Micro computed tomography (micro-CT)

Weekly scanning regime

A micro-CT scanner was used to perform eight weekly CT scans of the right tibia of the rats, from 4 to 11 weeks of age. The imaging system was a Skyscan 1176 in-vivo micro-CT (Skyscan, N.V., Belgium) scanner with rotatable X-ray source and detector.

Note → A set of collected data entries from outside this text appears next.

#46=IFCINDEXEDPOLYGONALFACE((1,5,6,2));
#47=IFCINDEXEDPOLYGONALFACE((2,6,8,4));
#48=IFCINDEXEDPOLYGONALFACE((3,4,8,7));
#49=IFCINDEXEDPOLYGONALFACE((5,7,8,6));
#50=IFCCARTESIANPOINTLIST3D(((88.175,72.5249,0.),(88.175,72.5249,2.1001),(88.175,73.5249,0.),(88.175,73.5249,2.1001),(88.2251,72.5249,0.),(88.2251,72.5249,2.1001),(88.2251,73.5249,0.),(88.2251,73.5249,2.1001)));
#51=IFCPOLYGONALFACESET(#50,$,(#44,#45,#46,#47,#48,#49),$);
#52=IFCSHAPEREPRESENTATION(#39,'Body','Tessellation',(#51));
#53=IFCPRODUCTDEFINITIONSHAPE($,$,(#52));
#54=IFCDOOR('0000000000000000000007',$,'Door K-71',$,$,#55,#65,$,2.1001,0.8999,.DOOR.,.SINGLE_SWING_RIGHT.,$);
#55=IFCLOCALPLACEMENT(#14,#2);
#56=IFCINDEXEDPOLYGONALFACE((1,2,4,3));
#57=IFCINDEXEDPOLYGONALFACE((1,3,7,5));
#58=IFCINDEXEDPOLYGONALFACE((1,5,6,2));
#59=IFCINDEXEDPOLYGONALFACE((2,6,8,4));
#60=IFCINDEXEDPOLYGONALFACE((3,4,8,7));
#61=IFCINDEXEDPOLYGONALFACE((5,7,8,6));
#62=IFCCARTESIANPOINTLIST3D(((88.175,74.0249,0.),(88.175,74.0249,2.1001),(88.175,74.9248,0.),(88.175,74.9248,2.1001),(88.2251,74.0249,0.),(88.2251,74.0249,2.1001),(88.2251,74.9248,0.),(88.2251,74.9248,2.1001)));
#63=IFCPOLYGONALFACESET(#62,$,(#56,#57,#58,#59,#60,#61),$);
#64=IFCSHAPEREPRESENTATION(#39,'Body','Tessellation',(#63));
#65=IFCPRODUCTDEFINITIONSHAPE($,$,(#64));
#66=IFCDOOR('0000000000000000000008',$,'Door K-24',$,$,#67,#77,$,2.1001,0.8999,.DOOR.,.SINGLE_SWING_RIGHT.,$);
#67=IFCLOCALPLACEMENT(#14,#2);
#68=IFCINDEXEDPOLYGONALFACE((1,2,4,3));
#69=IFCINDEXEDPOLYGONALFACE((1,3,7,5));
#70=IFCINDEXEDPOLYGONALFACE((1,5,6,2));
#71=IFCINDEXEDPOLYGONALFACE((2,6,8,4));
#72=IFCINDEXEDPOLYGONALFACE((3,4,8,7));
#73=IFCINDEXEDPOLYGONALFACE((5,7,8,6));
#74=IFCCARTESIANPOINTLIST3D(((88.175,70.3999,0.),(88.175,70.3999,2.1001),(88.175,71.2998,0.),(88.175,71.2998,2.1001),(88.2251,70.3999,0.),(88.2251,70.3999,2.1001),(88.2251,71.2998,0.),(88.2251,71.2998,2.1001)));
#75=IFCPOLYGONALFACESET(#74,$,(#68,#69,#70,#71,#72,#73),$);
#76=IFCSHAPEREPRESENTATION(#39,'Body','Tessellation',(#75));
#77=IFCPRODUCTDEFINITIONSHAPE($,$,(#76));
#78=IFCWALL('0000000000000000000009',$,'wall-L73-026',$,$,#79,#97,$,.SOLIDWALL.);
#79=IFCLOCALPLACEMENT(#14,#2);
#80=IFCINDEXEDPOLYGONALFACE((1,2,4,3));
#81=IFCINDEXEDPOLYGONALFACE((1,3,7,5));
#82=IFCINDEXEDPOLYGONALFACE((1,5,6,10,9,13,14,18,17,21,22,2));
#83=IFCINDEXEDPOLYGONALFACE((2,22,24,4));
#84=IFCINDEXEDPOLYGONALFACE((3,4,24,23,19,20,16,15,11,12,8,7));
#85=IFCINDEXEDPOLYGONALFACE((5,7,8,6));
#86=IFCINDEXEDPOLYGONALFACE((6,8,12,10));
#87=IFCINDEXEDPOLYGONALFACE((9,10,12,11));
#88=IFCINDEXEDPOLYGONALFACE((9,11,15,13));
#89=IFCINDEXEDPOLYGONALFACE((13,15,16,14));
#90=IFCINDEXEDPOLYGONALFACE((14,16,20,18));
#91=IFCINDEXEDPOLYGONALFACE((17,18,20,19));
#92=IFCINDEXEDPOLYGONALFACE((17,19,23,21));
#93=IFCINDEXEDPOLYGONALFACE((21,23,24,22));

Following the weekly loading regime, rats were anesthetized (2% isoflurane, 1.0 L/min O2), positioned on the carbon fiber half-tube bed of the Skyscan 1176, and maintained on anesthetic gasses for the duration of the scanning process (5–12 min). A cylindrical shape Styrofoam holder was used to position the right tibia to ensure the placement of the tibia along the scanner midline. All scans were performed with 18 μm voxel resolution, 65 kV, 384 μA, 350 ms exposure time, 0.65° rotation step, and a 1-mm Al filter93. A Phantom calibration was performed for each scanning day, prior to bone imaging using two cylindrical hydroxyapatite phantoms (0.25 and 0.75 g/cm3 CaHA). Images were reconstructed using NRecon software (v.1.6.10, Bruker-microCT, Belgium)93.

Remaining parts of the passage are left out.